# Bringing computers etc from US to UK



## Katevm (Oct 9, 2012)

Apologies, I think this has been asked before but I can't find a definitive answer either here or by googling.

We're moving from the US to the UK next month. We have no intention of moving small electrical/kitchen appliances (blenders etc) but would like to bring computers and other equipment purchased in the US, specifically:

--Apple products (desktop computers, laptops, iPad, iPhone) 

--Wii console and games 

--Bose dock for iPod

Will any/all/none work in the UK? And if they will work, do we need just a simple plug/socket adaptor or something else?

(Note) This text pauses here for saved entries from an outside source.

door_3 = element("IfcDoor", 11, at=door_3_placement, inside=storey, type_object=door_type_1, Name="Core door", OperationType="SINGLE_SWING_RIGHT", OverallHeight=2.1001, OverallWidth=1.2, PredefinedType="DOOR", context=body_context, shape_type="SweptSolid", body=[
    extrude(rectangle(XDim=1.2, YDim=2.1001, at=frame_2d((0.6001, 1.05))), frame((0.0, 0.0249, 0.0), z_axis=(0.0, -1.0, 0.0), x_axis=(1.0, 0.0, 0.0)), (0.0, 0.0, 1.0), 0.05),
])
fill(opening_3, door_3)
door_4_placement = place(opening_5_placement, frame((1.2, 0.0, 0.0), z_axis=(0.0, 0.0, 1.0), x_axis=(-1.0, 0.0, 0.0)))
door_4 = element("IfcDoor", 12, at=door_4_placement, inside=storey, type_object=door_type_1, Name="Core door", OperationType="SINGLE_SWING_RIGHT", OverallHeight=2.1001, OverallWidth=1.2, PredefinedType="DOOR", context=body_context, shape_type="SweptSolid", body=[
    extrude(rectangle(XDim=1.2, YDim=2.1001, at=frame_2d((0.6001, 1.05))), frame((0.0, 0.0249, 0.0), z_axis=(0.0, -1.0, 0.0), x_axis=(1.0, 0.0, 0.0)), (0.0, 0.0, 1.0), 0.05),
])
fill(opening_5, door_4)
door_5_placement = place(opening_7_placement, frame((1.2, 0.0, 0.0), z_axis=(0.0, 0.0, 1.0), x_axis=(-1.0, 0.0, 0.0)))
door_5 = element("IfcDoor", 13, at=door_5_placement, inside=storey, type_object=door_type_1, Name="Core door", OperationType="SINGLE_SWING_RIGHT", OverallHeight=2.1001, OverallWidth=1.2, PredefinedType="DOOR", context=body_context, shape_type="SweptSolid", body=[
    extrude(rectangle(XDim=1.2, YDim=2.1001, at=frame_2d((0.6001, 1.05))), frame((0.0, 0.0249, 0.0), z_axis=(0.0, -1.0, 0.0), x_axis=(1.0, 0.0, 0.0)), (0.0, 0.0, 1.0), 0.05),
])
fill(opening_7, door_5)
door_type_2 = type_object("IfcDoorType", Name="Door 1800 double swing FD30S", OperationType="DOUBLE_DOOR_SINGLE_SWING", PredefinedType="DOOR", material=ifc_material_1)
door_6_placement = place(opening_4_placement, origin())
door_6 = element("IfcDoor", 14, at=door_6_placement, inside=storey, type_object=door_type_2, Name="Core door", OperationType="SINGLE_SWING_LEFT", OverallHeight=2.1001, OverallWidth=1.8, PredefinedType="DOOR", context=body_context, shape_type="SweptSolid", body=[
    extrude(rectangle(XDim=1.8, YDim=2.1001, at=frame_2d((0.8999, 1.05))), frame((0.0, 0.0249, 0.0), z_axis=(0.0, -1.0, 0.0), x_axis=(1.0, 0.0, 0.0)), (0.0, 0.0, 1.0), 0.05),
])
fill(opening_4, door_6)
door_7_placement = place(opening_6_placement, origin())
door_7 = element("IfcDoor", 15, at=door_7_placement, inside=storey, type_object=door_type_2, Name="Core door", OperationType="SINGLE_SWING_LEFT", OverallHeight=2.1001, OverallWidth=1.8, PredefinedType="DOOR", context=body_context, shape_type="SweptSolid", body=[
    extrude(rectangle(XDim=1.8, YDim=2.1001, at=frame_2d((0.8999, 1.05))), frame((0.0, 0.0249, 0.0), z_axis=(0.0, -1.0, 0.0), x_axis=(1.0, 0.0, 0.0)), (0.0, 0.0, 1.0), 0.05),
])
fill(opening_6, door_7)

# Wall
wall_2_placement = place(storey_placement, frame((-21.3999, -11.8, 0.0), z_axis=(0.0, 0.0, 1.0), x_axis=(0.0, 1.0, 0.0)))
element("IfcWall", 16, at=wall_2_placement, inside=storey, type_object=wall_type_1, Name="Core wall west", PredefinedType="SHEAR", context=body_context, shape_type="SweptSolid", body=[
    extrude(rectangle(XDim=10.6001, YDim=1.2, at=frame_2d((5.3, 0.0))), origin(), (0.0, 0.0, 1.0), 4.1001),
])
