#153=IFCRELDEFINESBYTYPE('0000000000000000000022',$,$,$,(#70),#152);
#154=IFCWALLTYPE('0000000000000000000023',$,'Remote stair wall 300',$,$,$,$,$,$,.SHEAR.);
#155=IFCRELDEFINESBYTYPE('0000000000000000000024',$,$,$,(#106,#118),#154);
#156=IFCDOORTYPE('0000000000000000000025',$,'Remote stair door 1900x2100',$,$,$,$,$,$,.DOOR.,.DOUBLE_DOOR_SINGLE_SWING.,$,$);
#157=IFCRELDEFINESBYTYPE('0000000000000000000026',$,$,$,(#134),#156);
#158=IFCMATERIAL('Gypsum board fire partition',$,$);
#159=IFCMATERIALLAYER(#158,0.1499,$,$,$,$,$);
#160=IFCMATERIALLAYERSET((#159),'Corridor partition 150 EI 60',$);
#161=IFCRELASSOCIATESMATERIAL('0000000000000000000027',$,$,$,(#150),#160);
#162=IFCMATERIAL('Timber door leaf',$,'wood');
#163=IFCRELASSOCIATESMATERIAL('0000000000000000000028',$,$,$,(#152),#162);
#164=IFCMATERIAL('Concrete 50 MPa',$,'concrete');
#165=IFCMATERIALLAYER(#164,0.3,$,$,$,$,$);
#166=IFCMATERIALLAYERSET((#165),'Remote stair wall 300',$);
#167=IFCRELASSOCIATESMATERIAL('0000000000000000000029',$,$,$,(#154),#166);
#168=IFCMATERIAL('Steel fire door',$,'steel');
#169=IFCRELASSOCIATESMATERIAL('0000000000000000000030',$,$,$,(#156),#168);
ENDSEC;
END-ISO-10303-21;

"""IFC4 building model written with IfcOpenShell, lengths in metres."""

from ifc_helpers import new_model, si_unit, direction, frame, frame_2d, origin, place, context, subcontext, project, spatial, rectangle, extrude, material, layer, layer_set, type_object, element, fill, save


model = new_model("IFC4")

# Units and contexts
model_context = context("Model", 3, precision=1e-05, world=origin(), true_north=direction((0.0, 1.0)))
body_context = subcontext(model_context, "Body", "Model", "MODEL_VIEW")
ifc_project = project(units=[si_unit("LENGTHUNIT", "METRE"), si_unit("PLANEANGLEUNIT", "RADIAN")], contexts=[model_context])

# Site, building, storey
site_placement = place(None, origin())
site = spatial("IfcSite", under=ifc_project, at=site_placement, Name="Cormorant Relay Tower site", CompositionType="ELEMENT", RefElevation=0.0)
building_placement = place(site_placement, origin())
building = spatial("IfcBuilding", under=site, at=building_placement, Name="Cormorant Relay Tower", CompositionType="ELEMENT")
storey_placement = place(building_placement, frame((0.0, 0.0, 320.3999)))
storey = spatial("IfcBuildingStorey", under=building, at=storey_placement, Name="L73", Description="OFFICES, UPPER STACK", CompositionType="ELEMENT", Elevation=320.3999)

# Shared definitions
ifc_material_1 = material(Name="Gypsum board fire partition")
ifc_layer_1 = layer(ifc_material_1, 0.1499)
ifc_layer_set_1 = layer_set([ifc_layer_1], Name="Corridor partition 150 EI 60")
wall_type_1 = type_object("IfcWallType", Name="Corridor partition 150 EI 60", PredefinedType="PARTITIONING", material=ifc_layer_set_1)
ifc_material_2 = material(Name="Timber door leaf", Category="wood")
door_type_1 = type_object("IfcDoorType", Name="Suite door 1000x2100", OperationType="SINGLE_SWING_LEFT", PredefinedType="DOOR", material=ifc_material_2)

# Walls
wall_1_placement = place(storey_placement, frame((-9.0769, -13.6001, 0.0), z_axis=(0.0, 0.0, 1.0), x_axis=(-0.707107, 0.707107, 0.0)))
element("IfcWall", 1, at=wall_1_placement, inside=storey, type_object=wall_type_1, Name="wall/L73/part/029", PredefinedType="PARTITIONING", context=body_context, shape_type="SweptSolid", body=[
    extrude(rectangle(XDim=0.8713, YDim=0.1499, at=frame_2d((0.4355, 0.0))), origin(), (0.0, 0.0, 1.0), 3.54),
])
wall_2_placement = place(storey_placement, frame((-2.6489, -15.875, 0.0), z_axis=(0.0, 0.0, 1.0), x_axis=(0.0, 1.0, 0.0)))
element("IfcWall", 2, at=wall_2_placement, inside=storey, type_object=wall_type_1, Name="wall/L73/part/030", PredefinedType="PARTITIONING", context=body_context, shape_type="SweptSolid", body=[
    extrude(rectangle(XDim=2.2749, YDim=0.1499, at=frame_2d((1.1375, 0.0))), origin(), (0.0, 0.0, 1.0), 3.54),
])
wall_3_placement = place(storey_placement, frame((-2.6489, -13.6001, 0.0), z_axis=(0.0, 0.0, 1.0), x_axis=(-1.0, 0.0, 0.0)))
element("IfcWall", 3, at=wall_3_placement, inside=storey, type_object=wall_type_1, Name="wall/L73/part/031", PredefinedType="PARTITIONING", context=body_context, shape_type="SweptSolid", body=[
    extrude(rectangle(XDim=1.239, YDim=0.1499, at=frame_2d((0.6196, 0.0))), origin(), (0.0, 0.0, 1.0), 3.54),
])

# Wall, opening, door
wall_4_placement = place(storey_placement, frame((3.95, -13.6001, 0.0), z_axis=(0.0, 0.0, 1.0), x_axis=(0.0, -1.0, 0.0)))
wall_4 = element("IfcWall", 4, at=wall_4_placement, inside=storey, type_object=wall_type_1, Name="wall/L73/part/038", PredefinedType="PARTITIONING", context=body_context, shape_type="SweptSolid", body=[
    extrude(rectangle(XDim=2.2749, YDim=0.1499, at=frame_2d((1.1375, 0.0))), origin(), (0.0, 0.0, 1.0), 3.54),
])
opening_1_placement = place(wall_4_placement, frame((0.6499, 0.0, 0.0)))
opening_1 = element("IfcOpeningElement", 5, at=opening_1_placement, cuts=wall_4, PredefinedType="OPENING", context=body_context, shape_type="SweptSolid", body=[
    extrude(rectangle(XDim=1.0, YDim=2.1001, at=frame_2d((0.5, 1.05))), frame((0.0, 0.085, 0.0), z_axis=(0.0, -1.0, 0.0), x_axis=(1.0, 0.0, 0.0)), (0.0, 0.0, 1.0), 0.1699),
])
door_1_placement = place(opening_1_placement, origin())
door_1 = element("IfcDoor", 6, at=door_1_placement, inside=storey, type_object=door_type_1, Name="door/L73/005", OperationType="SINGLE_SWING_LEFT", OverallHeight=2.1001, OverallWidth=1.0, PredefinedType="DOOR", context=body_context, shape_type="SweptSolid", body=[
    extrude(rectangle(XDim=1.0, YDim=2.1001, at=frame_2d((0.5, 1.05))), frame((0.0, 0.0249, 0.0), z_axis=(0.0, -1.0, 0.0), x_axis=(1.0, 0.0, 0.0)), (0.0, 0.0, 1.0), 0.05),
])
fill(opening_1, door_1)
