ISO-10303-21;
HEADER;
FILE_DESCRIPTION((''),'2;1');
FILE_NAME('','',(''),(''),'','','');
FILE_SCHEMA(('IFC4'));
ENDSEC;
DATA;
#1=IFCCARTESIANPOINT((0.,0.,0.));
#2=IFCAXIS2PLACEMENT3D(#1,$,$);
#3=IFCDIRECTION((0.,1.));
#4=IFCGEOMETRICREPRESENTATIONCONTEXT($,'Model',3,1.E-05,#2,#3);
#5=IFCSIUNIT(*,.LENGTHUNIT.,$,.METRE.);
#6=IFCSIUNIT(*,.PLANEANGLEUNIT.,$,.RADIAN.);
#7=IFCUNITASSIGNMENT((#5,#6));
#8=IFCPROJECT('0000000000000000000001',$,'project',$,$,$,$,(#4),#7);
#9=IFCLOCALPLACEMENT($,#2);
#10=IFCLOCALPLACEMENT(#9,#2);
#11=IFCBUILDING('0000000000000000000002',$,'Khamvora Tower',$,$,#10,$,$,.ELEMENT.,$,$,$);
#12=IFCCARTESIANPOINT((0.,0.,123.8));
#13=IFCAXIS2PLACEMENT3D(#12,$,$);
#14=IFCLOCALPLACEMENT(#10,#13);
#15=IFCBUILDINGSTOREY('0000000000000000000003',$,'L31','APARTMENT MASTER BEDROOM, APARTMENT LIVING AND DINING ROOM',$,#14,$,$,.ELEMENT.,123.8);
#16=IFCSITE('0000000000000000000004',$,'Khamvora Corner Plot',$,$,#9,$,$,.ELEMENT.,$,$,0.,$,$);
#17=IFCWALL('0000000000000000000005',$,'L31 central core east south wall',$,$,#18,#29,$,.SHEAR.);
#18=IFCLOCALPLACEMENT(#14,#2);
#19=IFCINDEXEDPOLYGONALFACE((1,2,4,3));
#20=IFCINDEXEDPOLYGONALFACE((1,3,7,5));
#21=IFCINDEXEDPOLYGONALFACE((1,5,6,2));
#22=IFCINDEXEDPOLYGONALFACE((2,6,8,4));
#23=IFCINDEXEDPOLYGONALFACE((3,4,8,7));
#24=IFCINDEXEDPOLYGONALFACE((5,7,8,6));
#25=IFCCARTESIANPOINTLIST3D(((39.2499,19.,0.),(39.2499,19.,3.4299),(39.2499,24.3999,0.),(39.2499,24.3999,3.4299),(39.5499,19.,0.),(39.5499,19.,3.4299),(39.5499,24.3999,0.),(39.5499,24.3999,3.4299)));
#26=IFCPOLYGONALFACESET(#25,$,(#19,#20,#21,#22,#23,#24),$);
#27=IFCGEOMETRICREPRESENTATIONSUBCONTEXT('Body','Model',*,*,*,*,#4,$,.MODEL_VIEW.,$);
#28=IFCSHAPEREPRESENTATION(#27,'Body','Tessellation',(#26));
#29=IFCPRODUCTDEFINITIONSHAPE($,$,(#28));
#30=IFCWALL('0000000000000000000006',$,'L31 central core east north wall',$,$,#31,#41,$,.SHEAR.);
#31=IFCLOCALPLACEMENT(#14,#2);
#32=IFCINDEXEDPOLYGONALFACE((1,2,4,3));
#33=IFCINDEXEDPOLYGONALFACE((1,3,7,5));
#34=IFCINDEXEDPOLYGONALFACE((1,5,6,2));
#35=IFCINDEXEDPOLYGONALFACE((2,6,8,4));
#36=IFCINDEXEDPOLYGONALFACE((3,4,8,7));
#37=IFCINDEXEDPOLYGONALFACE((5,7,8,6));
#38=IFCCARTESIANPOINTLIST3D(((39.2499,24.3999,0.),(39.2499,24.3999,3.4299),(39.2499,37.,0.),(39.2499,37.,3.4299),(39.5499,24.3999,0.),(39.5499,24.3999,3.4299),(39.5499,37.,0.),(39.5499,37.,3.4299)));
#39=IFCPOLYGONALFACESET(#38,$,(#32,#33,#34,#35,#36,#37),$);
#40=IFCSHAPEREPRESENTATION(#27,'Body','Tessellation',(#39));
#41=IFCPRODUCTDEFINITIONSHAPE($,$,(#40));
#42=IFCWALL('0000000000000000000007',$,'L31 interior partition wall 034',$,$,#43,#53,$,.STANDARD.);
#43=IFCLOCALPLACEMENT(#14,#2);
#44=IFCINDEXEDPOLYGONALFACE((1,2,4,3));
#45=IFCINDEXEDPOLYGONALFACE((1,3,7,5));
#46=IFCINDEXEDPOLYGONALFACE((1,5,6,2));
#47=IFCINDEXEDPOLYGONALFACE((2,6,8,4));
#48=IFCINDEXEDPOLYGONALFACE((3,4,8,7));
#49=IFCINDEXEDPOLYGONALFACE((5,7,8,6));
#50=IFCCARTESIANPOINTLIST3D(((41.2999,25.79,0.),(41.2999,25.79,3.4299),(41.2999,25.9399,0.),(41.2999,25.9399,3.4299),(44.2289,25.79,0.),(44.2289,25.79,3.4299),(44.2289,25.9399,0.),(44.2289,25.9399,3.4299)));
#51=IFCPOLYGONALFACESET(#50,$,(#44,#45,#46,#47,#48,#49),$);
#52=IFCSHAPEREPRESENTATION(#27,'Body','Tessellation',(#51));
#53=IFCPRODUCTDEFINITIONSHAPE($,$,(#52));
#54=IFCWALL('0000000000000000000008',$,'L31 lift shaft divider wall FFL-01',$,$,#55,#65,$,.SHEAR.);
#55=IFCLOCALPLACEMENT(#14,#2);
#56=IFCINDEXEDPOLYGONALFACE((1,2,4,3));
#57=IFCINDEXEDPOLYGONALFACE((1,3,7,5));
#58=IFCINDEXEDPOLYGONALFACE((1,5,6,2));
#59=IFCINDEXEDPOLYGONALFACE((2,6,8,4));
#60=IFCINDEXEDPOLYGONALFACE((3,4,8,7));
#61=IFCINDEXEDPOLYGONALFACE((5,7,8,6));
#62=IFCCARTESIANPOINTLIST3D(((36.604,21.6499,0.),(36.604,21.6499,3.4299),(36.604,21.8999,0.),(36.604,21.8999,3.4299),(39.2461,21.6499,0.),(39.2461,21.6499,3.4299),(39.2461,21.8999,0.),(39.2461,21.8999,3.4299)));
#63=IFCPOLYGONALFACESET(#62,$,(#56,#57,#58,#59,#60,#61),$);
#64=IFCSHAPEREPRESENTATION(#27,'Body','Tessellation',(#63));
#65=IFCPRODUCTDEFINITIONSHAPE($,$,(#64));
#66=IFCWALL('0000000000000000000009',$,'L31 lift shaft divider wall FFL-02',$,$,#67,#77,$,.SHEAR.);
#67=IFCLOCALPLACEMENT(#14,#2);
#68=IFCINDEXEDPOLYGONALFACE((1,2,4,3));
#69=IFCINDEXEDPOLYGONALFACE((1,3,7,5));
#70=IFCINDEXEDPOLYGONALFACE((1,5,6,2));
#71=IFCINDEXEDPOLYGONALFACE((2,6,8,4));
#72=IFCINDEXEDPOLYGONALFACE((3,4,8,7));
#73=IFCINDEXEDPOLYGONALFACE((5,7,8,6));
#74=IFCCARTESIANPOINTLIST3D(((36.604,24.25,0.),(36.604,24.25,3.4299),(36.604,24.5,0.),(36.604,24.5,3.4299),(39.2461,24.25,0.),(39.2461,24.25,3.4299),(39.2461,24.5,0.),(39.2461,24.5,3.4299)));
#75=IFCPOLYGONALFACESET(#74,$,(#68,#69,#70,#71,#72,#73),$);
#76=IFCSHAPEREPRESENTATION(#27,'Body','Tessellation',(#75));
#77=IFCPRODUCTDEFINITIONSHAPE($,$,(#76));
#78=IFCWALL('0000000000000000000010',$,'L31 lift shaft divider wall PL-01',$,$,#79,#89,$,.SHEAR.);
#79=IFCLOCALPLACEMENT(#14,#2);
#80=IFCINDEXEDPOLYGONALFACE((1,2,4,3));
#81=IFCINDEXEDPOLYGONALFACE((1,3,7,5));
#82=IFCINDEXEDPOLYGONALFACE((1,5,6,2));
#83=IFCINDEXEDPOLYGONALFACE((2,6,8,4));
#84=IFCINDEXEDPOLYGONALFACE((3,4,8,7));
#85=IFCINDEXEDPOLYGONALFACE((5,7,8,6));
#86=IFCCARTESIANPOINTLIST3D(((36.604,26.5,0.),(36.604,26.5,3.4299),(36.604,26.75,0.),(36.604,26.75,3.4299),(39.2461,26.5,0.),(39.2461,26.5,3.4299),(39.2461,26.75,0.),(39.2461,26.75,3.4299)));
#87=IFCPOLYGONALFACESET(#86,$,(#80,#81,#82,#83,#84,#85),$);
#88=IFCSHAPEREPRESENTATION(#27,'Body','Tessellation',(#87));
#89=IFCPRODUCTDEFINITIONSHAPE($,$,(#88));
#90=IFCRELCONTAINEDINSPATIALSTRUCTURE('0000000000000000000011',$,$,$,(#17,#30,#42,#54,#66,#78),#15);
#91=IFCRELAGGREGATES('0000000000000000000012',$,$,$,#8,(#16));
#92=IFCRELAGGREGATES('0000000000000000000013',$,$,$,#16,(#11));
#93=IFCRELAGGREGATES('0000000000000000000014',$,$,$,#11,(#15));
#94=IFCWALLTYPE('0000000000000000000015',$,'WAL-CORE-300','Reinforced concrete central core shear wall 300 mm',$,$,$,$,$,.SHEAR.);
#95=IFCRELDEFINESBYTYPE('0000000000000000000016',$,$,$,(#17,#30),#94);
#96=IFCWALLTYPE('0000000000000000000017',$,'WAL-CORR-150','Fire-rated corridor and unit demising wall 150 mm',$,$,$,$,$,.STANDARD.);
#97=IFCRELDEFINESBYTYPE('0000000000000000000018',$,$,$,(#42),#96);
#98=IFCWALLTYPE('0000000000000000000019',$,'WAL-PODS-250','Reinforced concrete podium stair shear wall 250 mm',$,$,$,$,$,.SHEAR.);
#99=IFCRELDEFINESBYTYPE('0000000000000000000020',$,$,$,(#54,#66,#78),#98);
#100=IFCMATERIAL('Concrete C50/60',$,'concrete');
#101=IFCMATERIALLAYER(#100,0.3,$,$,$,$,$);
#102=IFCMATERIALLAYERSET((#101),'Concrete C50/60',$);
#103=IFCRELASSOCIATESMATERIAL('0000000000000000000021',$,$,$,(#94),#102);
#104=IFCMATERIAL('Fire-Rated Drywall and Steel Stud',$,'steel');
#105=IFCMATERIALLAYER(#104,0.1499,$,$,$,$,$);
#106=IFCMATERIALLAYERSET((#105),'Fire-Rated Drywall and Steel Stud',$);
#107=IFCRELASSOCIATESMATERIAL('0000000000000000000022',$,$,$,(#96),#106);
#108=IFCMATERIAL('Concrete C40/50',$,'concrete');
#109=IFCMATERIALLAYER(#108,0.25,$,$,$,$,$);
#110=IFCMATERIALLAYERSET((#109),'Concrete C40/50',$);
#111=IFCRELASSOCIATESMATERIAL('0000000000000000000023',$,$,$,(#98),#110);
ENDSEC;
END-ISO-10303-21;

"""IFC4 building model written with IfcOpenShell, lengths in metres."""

from ifc_helpers import new_model, si_unit, direction, frame, frame_2d, origin, place, context, subcontext, project, spatial, rectangle, extrude, material, layer, layer_set, type_object, element, save


model = new_model("IFC4")

# Units and contexts
model_context = context("Model", 3, precision=1e-05, world=origin(), true_north=direction((0.0, 1.0)))
body_context = subcontext(model_context, "Body", "Model", "MODEL_VIEW")
ifc_project = project(units=[si_unit("LENGTHUNIT", "METRE"), si_unit("PLANEANGLEUNIT", "RADIAN")], contexts=[model_context])

# Site, building, storey
site_placement = place(None, origin())
site = spatial("IfcSite", under=ifc_project, at=site_placement, Name="Khamvora Corner Plot", CompositionType="ELEMENT", RefElevation=0.0)
building_placement = place(site_placement, origin())
building = spatial("IfcBuilding", under=site, at=building_placement, Name="Khamvora Tower", CompositionType="ELEMENT")
storey_placement = place(building_placement, frame((0.0, 0.0, 123.8)))
storey = spatial("IfcBuildingStorey", under=building, at=storey_placement, Name="L31", Description="APARTMENT MASTER BEDROOM, APARTMENT LIVING AND DINING ROOM", CompositionType="ELEMENT", Elevation=123.8)

# Walls
ifc_material_1 = material(Name="Concrete C50/60", Category="concrete")
ifc_layer_1 = layer(ifc_material_1, 0.3)
ifc_layer_set_1 = layer_set([ifc_layer_1], Name="Concrete C50/60")
wall_type_1 = type_object("IfcWallType", Name="WAL-CORE-300", Description="Reinforced concrete central core shear wall 300 mm", PredefinedType="SHEAR", material=ifc_layer_set_1)
wall_1_placement = place(storey_placement, frame((39.3999, 19.0, 0.0), z_axis=(0.0, 0.0, 1.0), x_axis=(0.0, 1.0, 0.0)))
element("IfcWall", 1, at=wall_1_placement, inside=storey, type_object=wall_type_1, Name="L31 central core east south wall", PredefinedType="SHEAR", context=body_context, shape_type="SweptSolid", body=[
    extrude(rectangle(XDim=5.3999, YDim=0.3, at=frame_2d((2.7, 0.0))), origin(), (0.0, 0.0, 1.0), 3.4299),
])
wall_2_placement = place(storey_placement, frame((39.3999, 24.3999, 0.0), z_axis=(0.0, 0.0, 1.0), x_axis=(0.0, 1.0, 0.0)))
element("IfcWall", 2, at=wall_2_placement, inside=storey, type_object=wall_type_1, Name="L31 central core east north wall", PredefinedType="SHEAR", context=body_context, shape_type="SweptSolid", body=[
    extrude(rectangle(XDim=12.6001, YDim=0.3, at=frame_2d((6.3, 0.0))), origin(), (0.0, 0.0, 1.0), 3.4299),
])

# Walls
ifc_material_2 = material(Name="Fire-Rated Drywall and Steel Stud", Category="steel")
ifc_layer_2 = layer(ifc_material_2, 0.1499)
ifc_layer_set_2 = layer_set([ifc_layer_2], Name="Fire-Rated Drywall and Steel Stud")
wall_type_2 = type_object("IfcWallType", Name="WAL-CORR-150", Description="Fire-rated corridor and unit demising wall 150 mm", PredefinedType="STANDARD", material=ifc_layer_set_2)
wall_3_placement = place(storey_placement, frame((41.3, 25.865, 0.0), z_axis=(0.0, 0.0, 1.0), x_axis=(1.0, 0.0, 0.0)))
element("IfcWall", 3, at=wall_3_placement, inside=storey, type_object=wall_type_2, Name="L31 interior partition wall 034", PredefinedType="STANDARD", context=body_context, shape_type="SweptSolid", body=[
    extrude(rectangle(XDim=2.929, YDim=0.1499, at=frame_2d((1.4644, 0.0))), origin(), (0.0, 0.0, 1.0), 3.4299),
])
ifc_material_3 = material(Name="Concrete C40/50", Category="concrete")
ifc_layer_3 = layer(ifc_material_3, 0.25)
ifc_layer_set_3 = layer_set([ifc_layer_3], Name="Concrete C40/50")
wall_type_3 = type_object("IfcWallType", Name="WAL-PODS-250", Description="Reinforced concrete podium stair shear wall 250 mm", PredefinedType="SHEAR", material=ifc_layer_set_3)
for number, where, z_axis, x_axis, name in (
    (4, (36.604, 21.7749, 0.0), (0.0, 0.0, 1.0), (1.0, 0.0, 0.0), "L31 lift shaft divider wall FFL-01"),
    (5, (36.604, 24.375, 0.0), (0.0, 0.0, 1.0), (1.0, 0.0, 0.0), "L31 lift shaft divider wall FFL-02"),
    (6, (36.604, 26.625, 0.0), (0.0, 0.0, 1.0), (1.0, 0.0, 0.0), "L31 lift shaft divider wall PL-01"),
):
    element("IfcWall", number, at=place(storey_placement, frame(where, z_axis=z_axis, x_axis=x_axis)), inside=storey, type_object=wall_type_3, Name=name, PredefinedType="SHEAR", context=body_context, shape_type="SweptSolid", body=[
        extrude(rectangle(XDim=2.6421, YDim=0.25, at=frame_2d((1.321, 0.0))), origin(), (0.0, 0.0, 1.0), 3.4299),
    ])

save(model, "model.ifc")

Thanks so much for any advice!

Kate


----------



## Leanna (Oct 22, 2012)

Katevm said:


> Apologies, I think this has been asked before but I can't find a definitive answer either here or by googling.
> 
> We're moving from the US to the UK next month. We have no intention of moving small electrical/kitchen appliances (blenders etc) but would like to bring computers and other equipment purchased in the US, specifically:
> 
> ...


Check your plus on your electronic equipment - if the plus says 120-240V then you can use it with a simple plug adaptor. If it only says 120V then you will need a voltage converter and I would think twice about bringing that item over as many voltage converters are questionable and you are just as likely to fry your stuff. 

Your Wii will need a voltage converter, however keep in mind that Wii games are region coded and you will not be able to purchase games in the UK that will work on it. If you are very tech savy there may be a way around this, but it might not be worth the hassle. 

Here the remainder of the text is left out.